Doctors will possess less bargaining power. As the number of carriers decline through consolidation, physicians will have less power to negotiate higher rates
There will be an increase in “red tape”. New rules will require more expensive staffing and documentation by doctors. The threat of fines from documentation infractions will push physicians to increase their practice infrastructure.
There will be consolidation into larger physician practices. Many physicians who seek to remain independent will come together into larger practices to save on overhead.
Doctors will have to join forces with Hospitals. In rural areas, many providers will be bought out by hospitals or join some sort of sharing arrangement. These are likely to be short lived since hospital profits will be under extreme pressure.
Physicians will “opt out” of the system and go all or partial cash. Many physicians have already positioned their practice for this model. New models for cash revenue are emerging daily and will be integrated into the system.
Doctors will have a difficult choice to make between staying independent or becoming an employee: As many practices falter, doctors will be tempted to “sell” their practice and become employed by clinics, hospitals, academia, the government, and other consolidation models that develop.
Effects on Patients
Longer scheduling and wait times will occur because the system will have difficulty absorbing 30 million new patients. Making it increasingly difficult will cause physicians dropping out of the “public system”.
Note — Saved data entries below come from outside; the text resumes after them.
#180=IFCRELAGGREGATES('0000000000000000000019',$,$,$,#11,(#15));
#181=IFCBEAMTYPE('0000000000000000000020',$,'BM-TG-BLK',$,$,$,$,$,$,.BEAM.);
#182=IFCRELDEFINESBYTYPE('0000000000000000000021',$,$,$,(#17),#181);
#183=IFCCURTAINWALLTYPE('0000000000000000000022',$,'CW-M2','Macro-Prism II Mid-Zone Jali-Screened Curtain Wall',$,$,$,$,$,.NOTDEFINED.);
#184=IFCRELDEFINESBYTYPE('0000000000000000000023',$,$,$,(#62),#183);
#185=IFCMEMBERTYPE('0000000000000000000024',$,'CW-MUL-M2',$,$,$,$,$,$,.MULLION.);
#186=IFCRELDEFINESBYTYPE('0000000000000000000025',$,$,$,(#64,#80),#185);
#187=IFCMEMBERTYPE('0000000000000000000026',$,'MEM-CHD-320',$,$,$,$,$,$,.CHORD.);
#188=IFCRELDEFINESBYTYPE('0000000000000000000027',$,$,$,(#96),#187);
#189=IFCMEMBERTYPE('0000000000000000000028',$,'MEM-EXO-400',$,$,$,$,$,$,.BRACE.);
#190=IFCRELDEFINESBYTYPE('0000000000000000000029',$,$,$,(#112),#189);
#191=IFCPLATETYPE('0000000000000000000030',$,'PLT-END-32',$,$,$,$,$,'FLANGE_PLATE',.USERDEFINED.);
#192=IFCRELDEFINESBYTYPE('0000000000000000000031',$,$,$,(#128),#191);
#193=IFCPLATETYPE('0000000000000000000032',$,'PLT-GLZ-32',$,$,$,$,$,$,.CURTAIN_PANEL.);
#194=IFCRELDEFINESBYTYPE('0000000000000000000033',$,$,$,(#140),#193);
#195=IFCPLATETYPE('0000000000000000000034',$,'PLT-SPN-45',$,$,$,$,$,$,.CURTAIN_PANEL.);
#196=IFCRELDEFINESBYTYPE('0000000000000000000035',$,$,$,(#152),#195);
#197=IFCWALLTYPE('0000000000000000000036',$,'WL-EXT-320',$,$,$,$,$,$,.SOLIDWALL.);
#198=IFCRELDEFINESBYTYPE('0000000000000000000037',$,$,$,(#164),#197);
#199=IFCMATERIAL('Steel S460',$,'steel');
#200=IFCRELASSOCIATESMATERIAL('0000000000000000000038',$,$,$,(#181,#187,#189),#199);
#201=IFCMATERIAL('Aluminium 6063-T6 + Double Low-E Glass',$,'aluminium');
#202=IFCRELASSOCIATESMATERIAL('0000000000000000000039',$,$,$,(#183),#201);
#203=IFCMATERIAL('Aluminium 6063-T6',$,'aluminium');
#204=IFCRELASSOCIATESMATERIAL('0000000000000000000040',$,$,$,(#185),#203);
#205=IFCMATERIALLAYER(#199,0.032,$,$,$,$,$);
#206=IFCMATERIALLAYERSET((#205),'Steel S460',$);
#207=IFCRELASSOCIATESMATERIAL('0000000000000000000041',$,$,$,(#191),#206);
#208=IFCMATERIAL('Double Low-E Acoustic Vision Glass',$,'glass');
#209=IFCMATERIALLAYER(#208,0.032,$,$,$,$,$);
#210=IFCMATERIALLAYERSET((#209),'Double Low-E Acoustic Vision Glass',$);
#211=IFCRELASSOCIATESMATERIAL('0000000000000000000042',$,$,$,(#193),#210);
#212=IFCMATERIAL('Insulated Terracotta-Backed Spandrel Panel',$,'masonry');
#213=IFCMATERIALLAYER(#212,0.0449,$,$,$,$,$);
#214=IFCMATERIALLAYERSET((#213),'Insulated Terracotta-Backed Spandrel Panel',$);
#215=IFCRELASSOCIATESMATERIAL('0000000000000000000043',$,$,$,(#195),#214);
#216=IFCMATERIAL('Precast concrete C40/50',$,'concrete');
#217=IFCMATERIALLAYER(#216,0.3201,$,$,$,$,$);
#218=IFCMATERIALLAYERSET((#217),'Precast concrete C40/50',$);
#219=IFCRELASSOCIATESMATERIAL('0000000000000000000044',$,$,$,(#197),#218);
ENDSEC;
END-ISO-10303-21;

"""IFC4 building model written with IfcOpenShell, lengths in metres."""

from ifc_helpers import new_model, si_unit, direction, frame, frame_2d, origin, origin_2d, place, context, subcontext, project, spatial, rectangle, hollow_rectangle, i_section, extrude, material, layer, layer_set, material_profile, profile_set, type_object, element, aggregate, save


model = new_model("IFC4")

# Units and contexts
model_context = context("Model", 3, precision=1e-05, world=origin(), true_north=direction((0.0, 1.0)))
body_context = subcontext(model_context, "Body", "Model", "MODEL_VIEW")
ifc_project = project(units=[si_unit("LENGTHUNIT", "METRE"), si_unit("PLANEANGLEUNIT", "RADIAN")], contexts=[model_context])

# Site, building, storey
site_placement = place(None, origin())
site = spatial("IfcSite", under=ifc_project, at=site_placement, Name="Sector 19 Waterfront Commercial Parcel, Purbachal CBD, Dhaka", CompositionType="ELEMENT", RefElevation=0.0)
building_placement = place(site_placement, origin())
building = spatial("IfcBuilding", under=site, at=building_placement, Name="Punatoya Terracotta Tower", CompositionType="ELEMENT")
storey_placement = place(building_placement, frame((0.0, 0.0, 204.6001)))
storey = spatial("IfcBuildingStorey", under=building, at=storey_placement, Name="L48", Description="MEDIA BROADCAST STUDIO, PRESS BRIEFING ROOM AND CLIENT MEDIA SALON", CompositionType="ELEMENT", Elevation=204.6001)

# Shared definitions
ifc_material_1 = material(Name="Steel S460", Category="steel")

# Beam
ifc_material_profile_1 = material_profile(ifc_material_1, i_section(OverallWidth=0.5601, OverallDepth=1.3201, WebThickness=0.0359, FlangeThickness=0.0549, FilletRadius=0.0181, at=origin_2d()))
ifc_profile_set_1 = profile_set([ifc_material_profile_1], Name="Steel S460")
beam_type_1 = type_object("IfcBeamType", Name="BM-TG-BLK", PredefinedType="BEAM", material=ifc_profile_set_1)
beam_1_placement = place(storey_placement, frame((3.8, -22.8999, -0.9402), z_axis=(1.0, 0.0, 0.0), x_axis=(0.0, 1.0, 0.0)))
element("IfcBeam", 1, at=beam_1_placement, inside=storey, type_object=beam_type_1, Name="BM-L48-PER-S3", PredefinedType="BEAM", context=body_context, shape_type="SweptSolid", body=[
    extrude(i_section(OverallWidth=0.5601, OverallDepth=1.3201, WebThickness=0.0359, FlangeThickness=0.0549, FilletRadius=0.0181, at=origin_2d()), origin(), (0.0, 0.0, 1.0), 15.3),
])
More choice between insured services and cash services
We expect a cash healthcare system to emerge, a sort of two-tier medical system. One, where the patient has long waiting periods and lower levels of patient care and the other, where the patient pays cash to get the level of care they want.
Premiums will go up as new rules take effect. Large increases are expected to take hold in the next year as the carriers reposition themselves. The requirement to take all comers will guarantee an increase in insurance premiums.
Effects on Small Business
Premiums will go up because small business will be hit with substantial increases near term and will continue to rise as the system evolves.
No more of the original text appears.